The requirements enforced on the numeric data type, beside being capable of the basic numeric operations of addition and multiplication, are on the one hand connected to a convertibility/assignability of the result of accessing the matrix to the numeric type, as seen in Listing 3.12. Additionally the numeric type needs to be constructable as done in Listing 3.13 and Listing 3.14.
To complete the given example, the application of the compile time determinant structure and the given run time evaluations is presented using a simple matrix constructed from std::vector. Since this representation does not provide the required access mechanism, a thin wrapper is required. It is presented in Listing 3.15 and shows how access is remapped to the inherent mechanisms.
Equipped with the wrapper, the final deployment is illustrated in Listing 3.16. First, the compile time program is evoked, resulting in a data type encoding the instructions to be processed. It requires no information about the run time values of the matrix but takes only the size of the matrix as input. Next, the matrix type is defined and instantiated and this instance bound to the wrapper shown in Listing 3.15. Omitting the insertion of values into the matrix the snippet of code proceeds to provide a variable to contain the result and finally applies the compile time algorithm to the matrix via the matrix_access wrapper, thus completing the demonstration of how to calculate the determinant using compile time meta-programming methods.
It has to be stressed at this point that the purpose is to illustrate the procedures and idioms encountered in meta-programming, not to arrive at the optimal solution in terms of run-time, as there are more advanced methods of obtaining the value of a determinant than the presented algorithm [59][60][61]. The recursive nature, which might be detrimental in a run time implementation eases implementation and is eliminated for run time evaluation, since the recursive construction of the prescription has already been completed at compile time.
Furthermore the presented implementation is versatile with respect to acceptable data types. The structure itself is indeed completely agnostic to the employed numeric data type. In contrast to more efficient algorithms this brute force implementation also does not require division operations, thus making it viable to a wider range of data types from a theoretical (see Definition 13) as well as practical point of view.
Finally, the generated compile time structure is not limited to be used for the evaluation of determinants. The structure encountered in the calculation of the determinant may be applied to other fields, such as geometric products in the field of geometric algebra [62].

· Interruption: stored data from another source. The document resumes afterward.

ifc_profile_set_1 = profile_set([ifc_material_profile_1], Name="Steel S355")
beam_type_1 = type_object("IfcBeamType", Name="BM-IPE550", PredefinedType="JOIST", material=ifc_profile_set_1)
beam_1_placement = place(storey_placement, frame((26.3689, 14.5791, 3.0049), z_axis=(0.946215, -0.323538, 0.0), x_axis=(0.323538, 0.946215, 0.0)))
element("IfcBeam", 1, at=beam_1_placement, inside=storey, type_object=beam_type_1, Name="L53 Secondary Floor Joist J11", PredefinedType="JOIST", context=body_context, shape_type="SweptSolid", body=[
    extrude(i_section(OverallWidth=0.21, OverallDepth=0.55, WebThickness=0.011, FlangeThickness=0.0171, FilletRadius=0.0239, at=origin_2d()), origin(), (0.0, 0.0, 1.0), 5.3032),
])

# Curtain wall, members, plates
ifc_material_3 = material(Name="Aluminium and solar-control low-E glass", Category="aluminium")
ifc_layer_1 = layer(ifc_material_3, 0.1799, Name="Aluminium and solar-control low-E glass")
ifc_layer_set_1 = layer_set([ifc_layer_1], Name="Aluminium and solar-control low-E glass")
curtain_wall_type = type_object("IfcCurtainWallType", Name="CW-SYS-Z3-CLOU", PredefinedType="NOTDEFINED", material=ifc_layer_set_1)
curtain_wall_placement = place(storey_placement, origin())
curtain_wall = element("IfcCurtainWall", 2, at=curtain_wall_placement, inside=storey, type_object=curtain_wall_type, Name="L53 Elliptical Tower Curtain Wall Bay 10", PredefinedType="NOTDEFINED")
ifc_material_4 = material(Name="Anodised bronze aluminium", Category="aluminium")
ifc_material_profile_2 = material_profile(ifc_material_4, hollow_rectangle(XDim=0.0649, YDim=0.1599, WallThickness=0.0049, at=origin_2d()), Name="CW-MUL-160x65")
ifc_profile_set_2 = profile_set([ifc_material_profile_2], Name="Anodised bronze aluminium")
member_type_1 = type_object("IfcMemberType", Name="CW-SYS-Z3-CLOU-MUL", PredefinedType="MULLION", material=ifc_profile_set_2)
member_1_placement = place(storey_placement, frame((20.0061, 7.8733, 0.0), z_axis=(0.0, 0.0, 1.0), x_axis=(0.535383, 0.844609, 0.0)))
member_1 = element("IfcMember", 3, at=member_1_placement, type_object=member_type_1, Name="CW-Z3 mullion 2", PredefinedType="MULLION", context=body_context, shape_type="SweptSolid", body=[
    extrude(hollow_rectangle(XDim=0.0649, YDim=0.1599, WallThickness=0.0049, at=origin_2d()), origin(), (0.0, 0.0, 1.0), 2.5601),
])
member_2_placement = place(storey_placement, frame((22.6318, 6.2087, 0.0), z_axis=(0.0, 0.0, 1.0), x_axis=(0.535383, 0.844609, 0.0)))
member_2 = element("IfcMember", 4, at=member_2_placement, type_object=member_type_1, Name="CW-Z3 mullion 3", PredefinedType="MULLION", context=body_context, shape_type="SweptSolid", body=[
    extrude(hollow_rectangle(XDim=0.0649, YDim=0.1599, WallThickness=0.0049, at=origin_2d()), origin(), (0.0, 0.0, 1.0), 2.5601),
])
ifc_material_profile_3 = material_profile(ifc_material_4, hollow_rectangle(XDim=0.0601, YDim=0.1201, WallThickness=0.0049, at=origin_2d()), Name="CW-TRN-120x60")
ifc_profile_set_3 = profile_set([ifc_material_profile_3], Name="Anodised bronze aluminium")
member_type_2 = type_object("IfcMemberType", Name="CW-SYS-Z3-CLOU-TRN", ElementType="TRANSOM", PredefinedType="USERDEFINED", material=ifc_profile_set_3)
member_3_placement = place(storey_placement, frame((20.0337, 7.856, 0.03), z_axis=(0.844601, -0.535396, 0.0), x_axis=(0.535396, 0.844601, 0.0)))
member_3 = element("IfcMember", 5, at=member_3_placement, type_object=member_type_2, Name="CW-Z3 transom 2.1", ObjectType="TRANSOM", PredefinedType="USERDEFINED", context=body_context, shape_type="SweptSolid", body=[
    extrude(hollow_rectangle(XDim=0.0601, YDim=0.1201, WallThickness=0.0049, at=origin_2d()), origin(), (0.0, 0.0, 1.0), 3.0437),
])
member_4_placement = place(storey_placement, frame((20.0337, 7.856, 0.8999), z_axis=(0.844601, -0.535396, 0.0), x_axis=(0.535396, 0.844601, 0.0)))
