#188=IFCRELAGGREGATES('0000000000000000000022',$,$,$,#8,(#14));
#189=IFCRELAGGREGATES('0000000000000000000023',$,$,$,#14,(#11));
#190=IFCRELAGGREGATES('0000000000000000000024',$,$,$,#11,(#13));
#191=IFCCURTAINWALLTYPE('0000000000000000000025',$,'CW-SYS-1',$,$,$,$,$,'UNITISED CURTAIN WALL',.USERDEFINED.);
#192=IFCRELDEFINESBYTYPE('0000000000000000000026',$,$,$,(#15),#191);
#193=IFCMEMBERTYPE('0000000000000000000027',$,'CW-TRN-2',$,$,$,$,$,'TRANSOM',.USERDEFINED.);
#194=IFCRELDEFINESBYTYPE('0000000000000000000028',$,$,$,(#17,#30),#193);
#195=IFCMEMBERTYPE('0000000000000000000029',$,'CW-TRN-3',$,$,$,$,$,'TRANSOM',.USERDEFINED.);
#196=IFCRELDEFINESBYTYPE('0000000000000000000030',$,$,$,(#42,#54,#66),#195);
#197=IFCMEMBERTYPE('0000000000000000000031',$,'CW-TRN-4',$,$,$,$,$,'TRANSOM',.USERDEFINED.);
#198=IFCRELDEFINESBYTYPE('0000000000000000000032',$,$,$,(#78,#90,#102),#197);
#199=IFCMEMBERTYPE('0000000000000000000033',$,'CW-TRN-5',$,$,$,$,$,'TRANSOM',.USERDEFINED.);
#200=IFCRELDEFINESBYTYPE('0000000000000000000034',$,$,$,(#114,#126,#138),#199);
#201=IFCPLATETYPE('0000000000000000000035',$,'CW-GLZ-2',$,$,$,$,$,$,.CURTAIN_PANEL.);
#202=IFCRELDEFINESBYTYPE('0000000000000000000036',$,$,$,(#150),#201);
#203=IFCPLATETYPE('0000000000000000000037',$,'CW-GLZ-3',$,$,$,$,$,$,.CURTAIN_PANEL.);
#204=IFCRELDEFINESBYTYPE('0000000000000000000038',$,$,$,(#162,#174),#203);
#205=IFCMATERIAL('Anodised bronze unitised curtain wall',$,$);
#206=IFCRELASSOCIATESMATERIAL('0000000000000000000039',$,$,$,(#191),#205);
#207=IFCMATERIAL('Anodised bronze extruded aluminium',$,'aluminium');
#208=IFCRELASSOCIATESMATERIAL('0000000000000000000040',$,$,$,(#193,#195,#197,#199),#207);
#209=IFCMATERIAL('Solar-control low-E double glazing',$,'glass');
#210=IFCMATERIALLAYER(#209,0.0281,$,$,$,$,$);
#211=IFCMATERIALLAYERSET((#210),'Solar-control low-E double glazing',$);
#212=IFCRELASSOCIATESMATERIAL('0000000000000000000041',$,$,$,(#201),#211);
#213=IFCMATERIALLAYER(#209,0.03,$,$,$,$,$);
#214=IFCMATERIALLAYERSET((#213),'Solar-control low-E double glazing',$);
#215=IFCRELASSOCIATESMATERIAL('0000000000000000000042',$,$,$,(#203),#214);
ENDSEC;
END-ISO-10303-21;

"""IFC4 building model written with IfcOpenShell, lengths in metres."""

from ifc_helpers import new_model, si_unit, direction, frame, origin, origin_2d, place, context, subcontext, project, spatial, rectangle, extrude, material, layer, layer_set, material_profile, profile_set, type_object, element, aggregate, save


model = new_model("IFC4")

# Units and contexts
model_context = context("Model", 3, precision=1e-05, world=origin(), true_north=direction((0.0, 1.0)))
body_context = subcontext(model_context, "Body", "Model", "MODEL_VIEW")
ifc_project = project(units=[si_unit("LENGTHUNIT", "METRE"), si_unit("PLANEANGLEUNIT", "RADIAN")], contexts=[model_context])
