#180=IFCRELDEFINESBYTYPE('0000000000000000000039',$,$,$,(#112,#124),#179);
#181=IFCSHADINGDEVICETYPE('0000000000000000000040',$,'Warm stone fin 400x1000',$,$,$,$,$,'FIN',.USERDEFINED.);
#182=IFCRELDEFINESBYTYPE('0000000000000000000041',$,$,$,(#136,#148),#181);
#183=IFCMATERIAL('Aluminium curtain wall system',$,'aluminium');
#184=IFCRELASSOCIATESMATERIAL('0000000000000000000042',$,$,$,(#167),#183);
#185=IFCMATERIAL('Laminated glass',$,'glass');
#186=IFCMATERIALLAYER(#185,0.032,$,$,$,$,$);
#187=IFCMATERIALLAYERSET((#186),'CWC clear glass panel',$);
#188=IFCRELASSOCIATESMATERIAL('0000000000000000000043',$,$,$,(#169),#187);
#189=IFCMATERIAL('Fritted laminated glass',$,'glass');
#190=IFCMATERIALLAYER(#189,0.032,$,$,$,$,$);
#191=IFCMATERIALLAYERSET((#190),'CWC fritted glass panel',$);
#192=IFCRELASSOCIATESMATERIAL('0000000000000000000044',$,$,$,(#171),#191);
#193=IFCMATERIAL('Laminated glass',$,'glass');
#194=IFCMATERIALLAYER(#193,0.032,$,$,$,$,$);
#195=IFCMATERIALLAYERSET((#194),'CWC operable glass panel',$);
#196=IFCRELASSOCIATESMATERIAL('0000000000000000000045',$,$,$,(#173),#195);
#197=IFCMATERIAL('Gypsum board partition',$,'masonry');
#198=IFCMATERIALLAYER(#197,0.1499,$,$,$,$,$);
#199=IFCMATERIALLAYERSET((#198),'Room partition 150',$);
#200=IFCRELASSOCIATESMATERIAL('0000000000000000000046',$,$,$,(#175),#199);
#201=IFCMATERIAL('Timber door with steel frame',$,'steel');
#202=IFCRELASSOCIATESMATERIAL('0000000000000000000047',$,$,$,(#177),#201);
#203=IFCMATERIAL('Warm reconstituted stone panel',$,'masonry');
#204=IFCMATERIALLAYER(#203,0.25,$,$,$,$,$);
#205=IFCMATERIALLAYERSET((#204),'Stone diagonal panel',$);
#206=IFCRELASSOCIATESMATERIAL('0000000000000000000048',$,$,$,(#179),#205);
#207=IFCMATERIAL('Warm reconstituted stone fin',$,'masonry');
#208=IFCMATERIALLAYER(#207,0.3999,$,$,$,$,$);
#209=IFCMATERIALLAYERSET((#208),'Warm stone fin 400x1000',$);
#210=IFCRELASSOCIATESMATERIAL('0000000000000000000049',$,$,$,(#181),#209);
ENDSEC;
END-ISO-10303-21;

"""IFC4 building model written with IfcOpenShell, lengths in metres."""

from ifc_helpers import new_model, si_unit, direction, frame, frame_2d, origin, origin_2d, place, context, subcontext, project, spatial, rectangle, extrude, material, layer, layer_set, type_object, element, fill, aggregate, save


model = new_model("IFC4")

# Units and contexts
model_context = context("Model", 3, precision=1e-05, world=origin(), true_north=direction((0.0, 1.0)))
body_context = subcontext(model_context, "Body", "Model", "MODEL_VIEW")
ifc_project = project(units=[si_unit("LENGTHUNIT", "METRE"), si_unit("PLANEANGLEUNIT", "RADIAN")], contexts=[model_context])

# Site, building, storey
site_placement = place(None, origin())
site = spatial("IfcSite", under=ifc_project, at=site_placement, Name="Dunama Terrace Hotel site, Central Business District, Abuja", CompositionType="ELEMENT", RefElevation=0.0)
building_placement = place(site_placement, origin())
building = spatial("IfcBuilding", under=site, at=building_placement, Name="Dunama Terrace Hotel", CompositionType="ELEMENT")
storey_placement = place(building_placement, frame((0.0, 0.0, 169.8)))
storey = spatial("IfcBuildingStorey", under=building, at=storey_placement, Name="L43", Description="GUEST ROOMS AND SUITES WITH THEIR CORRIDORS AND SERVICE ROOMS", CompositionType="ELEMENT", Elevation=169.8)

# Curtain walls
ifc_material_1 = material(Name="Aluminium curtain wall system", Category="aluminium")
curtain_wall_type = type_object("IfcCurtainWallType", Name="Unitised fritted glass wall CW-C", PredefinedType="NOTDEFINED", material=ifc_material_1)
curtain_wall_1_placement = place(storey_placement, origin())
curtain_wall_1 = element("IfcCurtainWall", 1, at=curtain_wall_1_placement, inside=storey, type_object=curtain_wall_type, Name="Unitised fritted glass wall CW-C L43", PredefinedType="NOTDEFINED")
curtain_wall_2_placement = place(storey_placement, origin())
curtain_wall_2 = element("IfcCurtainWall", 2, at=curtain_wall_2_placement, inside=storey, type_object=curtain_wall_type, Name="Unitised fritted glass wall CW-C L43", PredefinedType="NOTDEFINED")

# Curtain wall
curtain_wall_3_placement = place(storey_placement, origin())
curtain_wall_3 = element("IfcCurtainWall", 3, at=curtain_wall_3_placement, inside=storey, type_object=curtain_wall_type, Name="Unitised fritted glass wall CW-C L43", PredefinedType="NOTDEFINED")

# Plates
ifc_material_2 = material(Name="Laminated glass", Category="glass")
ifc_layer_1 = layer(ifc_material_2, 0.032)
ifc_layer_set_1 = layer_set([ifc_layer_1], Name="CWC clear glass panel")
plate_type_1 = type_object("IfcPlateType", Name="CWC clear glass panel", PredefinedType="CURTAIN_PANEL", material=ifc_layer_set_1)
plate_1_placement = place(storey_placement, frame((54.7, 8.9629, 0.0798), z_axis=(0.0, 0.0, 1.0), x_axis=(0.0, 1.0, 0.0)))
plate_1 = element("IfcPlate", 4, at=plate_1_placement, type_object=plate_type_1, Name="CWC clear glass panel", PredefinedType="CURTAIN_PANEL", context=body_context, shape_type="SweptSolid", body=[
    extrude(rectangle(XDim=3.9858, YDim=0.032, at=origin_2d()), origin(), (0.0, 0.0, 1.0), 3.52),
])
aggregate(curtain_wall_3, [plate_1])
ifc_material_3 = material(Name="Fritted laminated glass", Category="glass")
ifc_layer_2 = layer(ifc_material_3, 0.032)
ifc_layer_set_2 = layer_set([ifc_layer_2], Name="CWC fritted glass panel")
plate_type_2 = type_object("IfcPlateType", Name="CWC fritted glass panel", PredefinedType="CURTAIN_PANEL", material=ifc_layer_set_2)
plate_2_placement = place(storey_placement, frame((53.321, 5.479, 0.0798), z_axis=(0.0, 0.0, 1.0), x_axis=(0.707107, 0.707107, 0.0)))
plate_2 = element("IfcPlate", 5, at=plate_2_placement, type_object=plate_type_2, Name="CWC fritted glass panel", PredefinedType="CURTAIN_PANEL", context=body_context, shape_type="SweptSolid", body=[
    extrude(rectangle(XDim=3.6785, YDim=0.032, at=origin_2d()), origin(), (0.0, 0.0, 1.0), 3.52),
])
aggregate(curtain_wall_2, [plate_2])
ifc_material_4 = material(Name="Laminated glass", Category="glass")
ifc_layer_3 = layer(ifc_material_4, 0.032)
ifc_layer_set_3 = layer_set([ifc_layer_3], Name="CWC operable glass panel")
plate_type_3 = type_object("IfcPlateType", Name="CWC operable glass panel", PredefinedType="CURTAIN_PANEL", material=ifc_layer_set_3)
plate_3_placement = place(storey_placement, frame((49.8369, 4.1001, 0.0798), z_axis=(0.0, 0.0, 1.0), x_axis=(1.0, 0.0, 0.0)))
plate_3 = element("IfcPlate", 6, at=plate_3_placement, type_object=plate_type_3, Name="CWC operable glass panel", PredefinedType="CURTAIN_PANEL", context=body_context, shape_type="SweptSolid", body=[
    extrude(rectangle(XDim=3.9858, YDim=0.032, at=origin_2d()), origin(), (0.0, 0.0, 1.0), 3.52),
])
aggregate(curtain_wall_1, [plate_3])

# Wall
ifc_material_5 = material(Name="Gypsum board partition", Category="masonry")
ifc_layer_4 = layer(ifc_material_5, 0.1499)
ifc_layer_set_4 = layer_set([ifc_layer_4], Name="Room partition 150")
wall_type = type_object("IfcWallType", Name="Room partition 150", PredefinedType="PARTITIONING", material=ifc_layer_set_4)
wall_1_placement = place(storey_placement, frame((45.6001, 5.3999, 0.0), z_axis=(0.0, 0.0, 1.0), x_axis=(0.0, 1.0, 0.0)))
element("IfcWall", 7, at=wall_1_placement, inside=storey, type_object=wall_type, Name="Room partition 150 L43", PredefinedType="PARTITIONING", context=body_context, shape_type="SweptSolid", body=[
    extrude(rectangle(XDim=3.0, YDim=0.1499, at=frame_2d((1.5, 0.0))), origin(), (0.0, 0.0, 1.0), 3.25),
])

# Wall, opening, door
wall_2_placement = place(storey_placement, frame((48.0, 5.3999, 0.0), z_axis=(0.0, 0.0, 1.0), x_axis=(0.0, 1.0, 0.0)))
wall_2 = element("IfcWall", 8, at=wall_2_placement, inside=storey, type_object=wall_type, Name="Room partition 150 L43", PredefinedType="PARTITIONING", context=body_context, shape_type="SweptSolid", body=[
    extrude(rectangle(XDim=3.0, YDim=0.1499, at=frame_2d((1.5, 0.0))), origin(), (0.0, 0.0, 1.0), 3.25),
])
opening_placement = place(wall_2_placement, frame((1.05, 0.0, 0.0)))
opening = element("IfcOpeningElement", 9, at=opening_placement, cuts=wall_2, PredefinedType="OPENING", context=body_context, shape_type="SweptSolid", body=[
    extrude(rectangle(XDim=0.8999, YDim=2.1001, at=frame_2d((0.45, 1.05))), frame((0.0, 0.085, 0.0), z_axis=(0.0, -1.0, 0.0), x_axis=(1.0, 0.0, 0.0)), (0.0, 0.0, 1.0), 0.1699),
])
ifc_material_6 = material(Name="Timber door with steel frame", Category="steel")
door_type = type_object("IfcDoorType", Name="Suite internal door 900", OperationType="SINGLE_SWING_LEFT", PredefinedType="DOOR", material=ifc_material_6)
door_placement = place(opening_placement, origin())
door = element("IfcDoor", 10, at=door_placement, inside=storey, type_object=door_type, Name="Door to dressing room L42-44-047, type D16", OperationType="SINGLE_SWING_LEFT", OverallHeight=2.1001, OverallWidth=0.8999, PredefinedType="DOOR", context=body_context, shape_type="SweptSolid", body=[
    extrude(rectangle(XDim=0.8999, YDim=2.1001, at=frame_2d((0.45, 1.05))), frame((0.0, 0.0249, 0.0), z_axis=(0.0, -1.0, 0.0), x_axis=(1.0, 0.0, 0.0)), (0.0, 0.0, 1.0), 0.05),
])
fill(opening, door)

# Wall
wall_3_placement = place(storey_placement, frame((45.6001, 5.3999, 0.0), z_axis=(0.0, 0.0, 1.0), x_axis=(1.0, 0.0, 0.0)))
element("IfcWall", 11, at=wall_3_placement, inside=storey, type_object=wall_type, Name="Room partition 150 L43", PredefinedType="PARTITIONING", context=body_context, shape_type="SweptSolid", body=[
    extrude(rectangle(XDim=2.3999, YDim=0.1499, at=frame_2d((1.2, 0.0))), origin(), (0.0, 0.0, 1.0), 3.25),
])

So far a short outline of the basic settings of digital computers has been sketched into which all further considerations must be mappable. Several different strategies, so called programming paradigms, for describing such a mapping have been presented, which have also been related to different programming languages. After noting several key differences between pure mathematical structures and their realizations within machines, the mathematically simple example of calculating determinants illustrating the procedure of using a compile time program to fully determine the memory accesses and computational steps while leaving the freedom for the values, on which is to be acted on to be supplied at run time. The implemented algorithm was chosen for its relative simplicity which allows to demonstrate what may hide behind relatively simple use of generic implementations. It should therefore be reiterated that for a performance sensitive calculation of determinants different algorithms should be considered. On the other hand it demonstrates how the calculation of permutations can be extracted from the task and made available as an algorithm for reuse.